Monday, May. 05, 1947

The Union & Jim Downey

It was almost like Christmas, that night at Jim Downey's place. The old saloon was decked out in bunting and all the regulars were in, having a singsong. And there was Jim himself passing out creamy pints, on the house, for all the world as if beer was water from the town well. "By the holy," said the men of Dun Laoghaire (Kingstown that was), "if it isn't the birthday of a strike Jim's celebratin', and his place the one that's struck." Outside the pickets paused now & then to nod to Jim's customers.

Only the pickets themselves and the oldest regulars remembered the beginning of 73-year-old Jim's falling-out with the National Union of Vintners, Grocers and Allied Trades. That had been back in March 1939. There had been some unpleasantness over a foreman's pay, and the union lads in the bar (there were four of them at the time) had pulled out and set up a picket line. Two of them had quit since then (one to join the British Navy), but the other two, young Con Cusack and Paddo Young, had stuck it out. Every day now for eight years, with other pickets sent by the union, they had tramped up & down, from 10 a.m. to closing, carrying their battered placard: "Strike On at Downey's."

Union barmen all over Dublin have chipped in two shillings a week to keep up Paddo's and Con's wages, and the pickets have seemed happy enough in their new jobs. There is a hoary old sign in Downey's window: "Hello, Paddo," it says. "Standard Rate of Wages Paid Here to All Employees." And that's the truth. But with Jim it's a matter of principle. And so the pickets pace, while Jim worries about them. Last March, Jim was out there in the snow sweeping off the sidewalk "so the boys wouldn't get their feet wet." Some mornings when they don't show up on time, Jim will call union headquarters. "What's wrong?" he'll say. "Are the boys ill?" Jim can never forget how the tuberculosis took Jim Ryan, his favorite picket of them all, God rest his soul.

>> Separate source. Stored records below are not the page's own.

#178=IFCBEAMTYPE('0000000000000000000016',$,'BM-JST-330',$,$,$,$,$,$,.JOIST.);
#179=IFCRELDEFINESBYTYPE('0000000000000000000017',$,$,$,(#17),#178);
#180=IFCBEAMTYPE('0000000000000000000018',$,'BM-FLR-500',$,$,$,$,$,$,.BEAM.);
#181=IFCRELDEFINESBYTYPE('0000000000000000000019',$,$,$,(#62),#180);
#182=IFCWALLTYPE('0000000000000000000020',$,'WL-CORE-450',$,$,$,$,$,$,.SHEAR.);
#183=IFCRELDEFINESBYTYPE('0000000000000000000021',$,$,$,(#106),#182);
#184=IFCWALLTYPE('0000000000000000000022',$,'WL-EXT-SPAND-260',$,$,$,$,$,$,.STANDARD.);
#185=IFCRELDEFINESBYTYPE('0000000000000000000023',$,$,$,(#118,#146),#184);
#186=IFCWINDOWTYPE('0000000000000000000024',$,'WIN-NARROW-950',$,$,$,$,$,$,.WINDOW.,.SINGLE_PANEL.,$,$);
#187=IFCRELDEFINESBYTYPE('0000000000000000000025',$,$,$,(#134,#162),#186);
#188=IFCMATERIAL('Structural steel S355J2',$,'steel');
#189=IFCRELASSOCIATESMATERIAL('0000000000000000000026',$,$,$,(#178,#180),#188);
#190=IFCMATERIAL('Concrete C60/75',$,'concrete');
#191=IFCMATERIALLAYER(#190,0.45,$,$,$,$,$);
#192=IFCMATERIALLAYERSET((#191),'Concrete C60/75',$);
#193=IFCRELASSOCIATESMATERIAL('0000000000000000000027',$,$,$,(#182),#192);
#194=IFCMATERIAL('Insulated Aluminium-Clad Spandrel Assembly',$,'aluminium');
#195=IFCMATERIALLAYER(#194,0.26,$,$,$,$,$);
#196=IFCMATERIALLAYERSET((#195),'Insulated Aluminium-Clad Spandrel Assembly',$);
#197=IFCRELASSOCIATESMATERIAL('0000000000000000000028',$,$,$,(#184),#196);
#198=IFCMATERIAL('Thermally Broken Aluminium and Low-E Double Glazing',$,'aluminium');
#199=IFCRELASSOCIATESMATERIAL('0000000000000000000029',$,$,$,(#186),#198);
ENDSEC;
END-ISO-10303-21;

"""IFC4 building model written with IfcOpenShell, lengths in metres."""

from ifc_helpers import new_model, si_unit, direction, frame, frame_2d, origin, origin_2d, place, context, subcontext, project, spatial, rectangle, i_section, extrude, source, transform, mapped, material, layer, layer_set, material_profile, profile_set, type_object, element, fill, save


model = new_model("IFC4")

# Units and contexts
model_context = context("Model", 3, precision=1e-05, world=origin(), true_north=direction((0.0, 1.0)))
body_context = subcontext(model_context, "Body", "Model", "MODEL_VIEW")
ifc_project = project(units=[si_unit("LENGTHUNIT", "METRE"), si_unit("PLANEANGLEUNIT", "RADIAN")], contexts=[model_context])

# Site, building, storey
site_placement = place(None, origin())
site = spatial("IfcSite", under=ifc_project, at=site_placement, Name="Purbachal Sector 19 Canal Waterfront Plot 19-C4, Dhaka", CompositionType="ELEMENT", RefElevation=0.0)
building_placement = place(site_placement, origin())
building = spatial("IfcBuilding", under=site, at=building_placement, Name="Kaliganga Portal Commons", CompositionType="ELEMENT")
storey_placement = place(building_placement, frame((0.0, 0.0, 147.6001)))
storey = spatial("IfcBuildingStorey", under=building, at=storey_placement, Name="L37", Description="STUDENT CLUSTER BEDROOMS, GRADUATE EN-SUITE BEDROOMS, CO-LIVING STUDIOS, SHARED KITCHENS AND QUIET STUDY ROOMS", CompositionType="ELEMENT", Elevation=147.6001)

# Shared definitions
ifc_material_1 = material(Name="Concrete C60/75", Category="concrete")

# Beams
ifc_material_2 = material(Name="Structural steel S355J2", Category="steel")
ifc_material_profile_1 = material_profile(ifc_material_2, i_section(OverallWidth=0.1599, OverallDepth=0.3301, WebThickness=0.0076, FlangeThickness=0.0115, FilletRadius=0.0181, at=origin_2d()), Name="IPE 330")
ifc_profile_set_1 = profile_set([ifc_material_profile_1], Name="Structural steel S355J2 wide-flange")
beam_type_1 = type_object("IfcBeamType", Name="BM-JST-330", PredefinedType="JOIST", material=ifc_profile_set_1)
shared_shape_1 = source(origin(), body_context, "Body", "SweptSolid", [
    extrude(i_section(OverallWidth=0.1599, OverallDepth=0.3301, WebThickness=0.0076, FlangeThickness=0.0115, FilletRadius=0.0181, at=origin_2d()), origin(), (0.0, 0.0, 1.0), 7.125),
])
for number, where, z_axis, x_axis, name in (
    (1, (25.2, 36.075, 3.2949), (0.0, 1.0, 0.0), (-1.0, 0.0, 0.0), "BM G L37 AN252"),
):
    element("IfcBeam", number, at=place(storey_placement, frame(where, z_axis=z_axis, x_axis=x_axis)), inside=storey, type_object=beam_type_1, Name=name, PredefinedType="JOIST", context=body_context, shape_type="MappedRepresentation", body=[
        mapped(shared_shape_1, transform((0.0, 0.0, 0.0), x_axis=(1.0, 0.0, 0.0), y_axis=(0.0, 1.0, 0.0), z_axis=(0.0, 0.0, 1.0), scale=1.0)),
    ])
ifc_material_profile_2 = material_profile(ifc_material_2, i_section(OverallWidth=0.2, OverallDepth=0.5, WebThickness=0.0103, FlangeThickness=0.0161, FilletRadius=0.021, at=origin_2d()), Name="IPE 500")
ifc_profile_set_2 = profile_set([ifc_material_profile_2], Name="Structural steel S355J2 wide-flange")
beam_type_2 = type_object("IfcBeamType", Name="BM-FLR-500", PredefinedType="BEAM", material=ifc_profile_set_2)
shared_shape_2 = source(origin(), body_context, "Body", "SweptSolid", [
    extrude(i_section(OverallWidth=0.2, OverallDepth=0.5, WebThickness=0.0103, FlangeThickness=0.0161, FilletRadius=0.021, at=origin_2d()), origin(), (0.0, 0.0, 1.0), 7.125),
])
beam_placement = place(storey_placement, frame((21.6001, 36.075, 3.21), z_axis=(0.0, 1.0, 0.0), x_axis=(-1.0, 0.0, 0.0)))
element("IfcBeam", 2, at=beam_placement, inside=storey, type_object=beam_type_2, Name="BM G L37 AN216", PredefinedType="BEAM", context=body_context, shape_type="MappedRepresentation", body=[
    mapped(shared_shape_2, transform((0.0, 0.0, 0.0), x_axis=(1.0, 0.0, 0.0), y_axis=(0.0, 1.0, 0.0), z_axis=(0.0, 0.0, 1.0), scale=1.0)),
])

By last week, Jim's-strike was famous all over the world as the oldest strike in Eire's trade-union history. Sailors from ports Jim never heard of often write to ask him how it's coming on. Every year Britain's newspaper boys come over to get a birthday-celebration spread in the Sunday features. The publicity Jim got at the eighth birthday party gave his business such a spurt that Downey's is closed two days a week now for lack of stock. "Sure the extra rest will do the boys no harm," Jim said last week, but he won't settle the strike. "If I can," he insists, "I'll will it to my successors."

Jim Downey is no more likely to go out of business than he is to settle. Even staunch union men drop into his place, though they always try to keep the pickets, Paddo and Con, from seeing them. "Sure," they all say, "it would hurt the poor lads' feelings."